Pourtant, comment définir autrement, ce que nous observons aujourd’hui dans nos rapports avec les institutions, un secteur qui lentement se laisse gangrener par une conception marchande de son activité, où la logique de l’entreprise avec ses exigences d’efficacité, de rentabilité, d’évaluation… prend le pas sur la nécessité d’un accompagnement au cas par cas des personnes en difficultés ?

Comment qualifier autrement, les effets des pratiques que ces logiques développent, auprès des personnes accompagnées, entendues, non plus dans leur singularité, du lieu de leur subjectivité, mais bel et bien dans l’immédiateté de leurs demandes, une logique du besoin se substituant à celle du désir et de la parole qui le supporte ?

[6] Paul FUSTIER ; « Le lien d’accompagnement. Entre don et contrat salarial ». Paris. Dunod. 2000 ; p.65.

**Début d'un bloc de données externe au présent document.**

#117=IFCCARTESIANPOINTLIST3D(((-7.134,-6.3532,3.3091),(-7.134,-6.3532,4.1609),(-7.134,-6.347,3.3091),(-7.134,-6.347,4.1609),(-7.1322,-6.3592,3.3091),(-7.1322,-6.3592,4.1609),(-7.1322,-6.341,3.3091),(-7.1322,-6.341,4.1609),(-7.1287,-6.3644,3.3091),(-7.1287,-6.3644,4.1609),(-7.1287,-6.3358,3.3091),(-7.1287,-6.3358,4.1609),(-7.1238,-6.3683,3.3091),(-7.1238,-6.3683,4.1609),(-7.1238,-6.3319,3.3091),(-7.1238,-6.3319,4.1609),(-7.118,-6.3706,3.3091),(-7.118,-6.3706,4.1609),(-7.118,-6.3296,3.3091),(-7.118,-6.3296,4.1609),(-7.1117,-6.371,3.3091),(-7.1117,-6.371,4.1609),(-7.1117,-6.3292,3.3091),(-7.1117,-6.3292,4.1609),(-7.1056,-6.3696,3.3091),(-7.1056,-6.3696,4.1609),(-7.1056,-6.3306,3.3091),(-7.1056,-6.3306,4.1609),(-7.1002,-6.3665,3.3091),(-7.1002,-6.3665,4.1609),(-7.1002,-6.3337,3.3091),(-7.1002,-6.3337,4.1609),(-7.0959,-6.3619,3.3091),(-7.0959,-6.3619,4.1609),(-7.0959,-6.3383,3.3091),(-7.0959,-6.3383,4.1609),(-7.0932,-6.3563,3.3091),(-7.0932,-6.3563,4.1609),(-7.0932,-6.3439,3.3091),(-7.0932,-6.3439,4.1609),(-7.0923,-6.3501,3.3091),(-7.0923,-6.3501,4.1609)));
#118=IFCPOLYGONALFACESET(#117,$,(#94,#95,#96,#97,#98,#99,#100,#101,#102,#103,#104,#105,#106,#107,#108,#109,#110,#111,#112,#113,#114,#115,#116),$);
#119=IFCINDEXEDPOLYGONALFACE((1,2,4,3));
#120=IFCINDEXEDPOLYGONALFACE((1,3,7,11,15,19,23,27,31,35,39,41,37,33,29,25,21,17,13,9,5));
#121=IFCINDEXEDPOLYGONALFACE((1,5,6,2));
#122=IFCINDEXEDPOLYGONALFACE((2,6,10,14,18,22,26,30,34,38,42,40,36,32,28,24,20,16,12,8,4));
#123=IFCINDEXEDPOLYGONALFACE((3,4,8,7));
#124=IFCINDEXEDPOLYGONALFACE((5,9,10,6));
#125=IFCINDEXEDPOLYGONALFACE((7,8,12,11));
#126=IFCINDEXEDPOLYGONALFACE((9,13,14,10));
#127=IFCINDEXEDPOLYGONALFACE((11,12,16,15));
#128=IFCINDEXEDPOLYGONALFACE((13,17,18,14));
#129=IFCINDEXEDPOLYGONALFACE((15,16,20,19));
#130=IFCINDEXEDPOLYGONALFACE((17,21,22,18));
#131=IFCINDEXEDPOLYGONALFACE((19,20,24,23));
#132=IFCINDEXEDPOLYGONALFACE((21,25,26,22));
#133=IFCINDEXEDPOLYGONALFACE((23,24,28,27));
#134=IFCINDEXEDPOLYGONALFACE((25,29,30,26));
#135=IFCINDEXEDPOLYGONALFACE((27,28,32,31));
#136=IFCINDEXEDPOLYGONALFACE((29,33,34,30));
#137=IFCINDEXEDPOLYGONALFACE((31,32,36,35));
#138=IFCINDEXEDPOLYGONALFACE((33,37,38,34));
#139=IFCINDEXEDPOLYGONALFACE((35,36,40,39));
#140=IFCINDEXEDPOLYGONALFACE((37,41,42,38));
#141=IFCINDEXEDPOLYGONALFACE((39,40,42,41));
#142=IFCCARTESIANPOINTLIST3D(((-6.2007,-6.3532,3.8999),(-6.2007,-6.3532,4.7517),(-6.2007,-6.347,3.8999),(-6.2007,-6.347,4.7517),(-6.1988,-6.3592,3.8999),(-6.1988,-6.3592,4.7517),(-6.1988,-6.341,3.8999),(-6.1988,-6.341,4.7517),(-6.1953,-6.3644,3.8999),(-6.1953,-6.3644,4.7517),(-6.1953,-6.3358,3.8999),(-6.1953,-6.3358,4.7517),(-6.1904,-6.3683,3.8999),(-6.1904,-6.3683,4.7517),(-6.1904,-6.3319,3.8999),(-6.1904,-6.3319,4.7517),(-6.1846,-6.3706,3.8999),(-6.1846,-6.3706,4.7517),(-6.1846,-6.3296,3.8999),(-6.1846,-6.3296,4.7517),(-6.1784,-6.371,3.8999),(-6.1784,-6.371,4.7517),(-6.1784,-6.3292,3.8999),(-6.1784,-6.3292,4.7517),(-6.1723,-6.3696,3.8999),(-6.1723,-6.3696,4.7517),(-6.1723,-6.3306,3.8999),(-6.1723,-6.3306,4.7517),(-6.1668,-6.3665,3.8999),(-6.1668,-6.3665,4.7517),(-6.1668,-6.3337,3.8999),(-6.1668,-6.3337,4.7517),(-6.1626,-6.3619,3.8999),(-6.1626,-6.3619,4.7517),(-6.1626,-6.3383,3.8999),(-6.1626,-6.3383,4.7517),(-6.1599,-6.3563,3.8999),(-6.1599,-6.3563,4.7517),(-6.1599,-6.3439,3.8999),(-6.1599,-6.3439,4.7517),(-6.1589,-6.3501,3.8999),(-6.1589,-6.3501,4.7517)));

Pourtant, à mon sens, la pratique éducative, sociale, se situe résolument du côté de la parole. Elle n’a d’autre point d’ancrage. Ignorer cette « vérité » revient à renoncer à éduquer, renoncement qui constitue un acte d’abandon à l’égard de celui laissé alors en proie au chaos, à la confusion, et donc à une barbarie potentielle.

« Quand la parole est brûlée vive, l’homme ne meurt ni ne vit », dit le poète [7].

Pour finir, j’aimerai évoquer un échange avec un ami, éducateur comme moi, auquel j’avais soumis la première mouture de cet article. Il me fit remarquer judicieusement, qu’en remplaçant le " et " de « barbarie et altérité » par un " ou ",j’avais peut-être introduit là, de manière un peu rapide, une opposition qui méritait d’être regardé de plus près.

Je l’ai écrit plus haut, l’un ne va certes pas avec l’autre, la barbarie se concevant comme un effet de la négation de l’altérité. Pour autant l’homme, dans son fonctionnement psychique, ne peut pas être regardé de manière aussi manichéenne. Sans doute devons-nous prendre acte d’une réalité plus nuancée, moins tranchée, pour reconnaître en nous, une certaine co-existence « d’éléments » opposés, contraires, ambivalents, dans notre rapport au monde et à l’autre. Et la pratique sociale auprès de personnes en souffrance n’y échappe pas.

Qui peut en effet se prévaloir d’être toujours et complètement dépris d’un désir d’emprise, de maîtrise, de façonnage de l’autre ? Qui peut assurer se rendre à tous les coups disponible à l’écoute de la subjectivité, respectueux de l’altérité ? Qui peut prétendre n’être jamais traversé par une certaine idée de ce que pourrait être « le bien de l’autre » ?

Quel travailleur social, quel soignant, quel « aidant » peut ainsi s’affranchir à jamais de toute forme de barbarie dans la manière dont il se situe auprès de la personne accompagnée ?

Cette question nous travaille donc sans répit. Elle nous oblige, dans chaque rencontre, à repenser en permanence notre propre rapport à l’autre et au monde, en sachant qu’il n’y a de réponse que provisoire, temporaire, partielle. La lutte contre la barbarie qui nous habite, est un ouvrage à remettre sans cesse sur le métier, jamais achevé.